Death is present today, as I hang up the phone and begin writing out a packing list. It's present as I mull over in my brain the catalog of facts and as I mindlessly wipe the tears streaming from my eyes. It's present as I think about how unfair the world is, how much my heart aches, or how hard this trip will be.
In a few days time, I'll find myself on a plane, traveling from the midwest to Orlando, Florida. I'll check into a hotel, where I'll spend most of my waking hour, but my heart won't be in my body. It'll be a short distance away, in the home of a close friend, as she settles into this new reality of hospice care. I'll spend maybe an hour or two each day with her if I'm lucky, but that's all her stamina will allow, and she'll apologize when she dozes off from exhaustion or when she cries out in pain.
Together, across the country, we've navigated this life of her Stage 4 Metastatic Breast Cancer for the last four and a half years. She's fought relentlessly, giving every option careful consideration, weighing every pro and con, trying new treatment options time and time again after each one failed. We've wept together on the phone, we've sent hundreds of texts back and forth, often my asking simply if we still had time.

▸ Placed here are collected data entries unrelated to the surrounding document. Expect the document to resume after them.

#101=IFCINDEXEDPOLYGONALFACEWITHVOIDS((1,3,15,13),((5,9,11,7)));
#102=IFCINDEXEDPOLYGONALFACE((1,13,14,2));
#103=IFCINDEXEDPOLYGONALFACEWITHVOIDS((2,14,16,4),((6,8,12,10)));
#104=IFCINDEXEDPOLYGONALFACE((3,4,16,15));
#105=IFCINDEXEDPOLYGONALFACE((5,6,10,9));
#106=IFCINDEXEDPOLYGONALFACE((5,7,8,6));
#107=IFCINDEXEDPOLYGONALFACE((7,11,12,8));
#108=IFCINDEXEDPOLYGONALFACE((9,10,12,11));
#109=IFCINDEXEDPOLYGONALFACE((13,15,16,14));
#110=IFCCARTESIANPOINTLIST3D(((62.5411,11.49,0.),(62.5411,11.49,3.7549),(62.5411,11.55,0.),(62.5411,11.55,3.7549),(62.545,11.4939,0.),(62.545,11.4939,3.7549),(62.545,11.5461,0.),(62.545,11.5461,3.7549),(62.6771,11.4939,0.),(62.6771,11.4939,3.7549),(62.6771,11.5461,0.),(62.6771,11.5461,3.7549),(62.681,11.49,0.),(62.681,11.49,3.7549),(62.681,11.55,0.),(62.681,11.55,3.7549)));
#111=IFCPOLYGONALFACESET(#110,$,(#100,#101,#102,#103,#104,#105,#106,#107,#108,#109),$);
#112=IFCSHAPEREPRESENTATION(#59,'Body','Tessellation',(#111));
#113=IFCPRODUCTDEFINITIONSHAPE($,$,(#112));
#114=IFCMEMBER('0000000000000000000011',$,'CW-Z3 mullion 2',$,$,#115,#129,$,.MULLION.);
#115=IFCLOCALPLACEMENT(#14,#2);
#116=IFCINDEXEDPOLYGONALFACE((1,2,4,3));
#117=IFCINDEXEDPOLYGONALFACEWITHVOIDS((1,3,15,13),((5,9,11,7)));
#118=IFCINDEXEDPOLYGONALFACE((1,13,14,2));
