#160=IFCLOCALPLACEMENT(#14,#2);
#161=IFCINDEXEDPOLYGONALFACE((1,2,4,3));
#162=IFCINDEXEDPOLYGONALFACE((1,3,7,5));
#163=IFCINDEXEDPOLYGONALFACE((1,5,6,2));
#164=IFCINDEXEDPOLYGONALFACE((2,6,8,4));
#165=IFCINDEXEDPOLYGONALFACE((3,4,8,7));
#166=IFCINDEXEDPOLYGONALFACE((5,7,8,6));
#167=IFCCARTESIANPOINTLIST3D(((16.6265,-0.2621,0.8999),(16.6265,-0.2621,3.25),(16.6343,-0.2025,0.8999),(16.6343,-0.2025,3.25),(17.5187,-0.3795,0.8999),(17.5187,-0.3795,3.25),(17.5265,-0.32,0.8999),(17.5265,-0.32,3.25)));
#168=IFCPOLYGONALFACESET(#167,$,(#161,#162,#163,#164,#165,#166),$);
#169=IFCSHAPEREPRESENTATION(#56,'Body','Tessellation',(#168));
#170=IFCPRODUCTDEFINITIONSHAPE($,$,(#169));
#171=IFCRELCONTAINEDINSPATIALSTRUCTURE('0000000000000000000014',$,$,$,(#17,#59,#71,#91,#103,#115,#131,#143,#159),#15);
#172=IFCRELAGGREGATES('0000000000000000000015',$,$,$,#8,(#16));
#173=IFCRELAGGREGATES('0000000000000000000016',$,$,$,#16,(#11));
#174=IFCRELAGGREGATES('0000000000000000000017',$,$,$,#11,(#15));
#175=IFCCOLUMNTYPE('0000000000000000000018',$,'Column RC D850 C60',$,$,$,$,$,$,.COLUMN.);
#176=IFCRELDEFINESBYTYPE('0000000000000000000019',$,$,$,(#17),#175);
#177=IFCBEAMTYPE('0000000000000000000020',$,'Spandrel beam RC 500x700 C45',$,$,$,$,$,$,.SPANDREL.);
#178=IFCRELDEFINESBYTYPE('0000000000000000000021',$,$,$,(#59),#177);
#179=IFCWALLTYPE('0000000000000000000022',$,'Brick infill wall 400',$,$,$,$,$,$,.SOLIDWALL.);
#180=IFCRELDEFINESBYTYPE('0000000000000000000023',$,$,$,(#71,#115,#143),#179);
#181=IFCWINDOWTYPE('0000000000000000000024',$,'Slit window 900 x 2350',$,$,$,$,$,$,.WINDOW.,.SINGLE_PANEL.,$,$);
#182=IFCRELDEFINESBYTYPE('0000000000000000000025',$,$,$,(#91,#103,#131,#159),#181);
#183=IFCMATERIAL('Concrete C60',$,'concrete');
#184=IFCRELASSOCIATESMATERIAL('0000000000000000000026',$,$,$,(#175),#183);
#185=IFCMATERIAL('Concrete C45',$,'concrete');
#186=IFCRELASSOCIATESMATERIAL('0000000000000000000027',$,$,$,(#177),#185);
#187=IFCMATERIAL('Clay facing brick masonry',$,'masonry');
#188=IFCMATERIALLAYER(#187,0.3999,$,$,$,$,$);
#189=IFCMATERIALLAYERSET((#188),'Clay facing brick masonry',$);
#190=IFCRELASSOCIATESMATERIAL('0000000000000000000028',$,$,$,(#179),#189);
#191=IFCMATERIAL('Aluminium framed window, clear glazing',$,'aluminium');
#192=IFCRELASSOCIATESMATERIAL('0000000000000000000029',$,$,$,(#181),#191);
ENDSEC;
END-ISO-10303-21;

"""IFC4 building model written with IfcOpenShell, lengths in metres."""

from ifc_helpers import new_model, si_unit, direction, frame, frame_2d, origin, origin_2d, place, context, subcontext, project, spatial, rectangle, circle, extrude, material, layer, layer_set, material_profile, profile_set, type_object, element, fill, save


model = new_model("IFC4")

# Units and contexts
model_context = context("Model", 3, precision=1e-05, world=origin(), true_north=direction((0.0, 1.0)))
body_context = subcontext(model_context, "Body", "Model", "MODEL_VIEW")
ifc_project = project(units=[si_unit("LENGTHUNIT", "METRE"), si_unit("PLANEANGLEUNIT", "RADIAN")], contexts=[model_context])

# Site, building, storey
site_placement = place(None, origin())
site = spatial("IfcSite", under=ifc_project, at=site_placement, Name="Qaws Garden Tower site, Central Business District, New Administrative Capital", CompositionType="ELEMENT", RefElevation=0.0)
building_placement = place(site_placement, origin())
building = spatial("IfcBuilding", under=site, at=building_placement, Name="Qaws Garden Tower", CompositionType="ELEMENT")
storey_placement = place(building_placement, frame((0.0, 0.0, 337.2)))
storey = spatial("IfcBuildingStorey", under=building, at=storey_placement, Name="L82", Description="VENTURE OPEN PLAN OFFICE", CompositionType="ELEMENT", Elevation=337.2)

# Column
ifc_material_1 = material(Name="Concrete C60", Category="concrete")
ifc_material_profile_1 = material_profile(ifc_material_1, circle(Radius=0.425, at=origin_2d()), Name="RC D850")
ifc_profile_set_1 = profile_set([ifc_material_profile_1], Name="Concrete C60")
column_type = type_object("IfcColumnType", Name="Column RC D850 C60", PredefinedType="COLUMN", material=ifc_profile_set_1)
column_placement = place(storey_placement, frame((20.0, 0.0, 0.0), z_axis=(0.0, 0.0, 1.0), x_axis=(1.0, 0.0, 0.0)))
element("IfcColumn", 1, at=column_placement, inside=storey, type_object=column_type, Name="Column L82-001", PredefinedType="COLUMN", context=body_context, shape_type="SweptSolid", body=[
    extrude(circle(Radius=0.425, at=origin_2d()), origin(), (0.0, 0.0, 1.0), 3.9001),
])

I needed to know when time was running out.
When death was waiting on the doorstep.
When to book this very specific plane ticket.
I needed to know when I had to go to say goodbye.
Death is present in every moment of this trip as we do just that. And death has been present every moment since I've returned home, waiting for the phone call that she's gone.
In the interim, death is present in every text message and in every update from her sister. Death is very clearly standing down the block, making its way towards her door, getting ready to barge in with no warning and take the very soul that is so precious to us.
If only we could ask death to leave alone.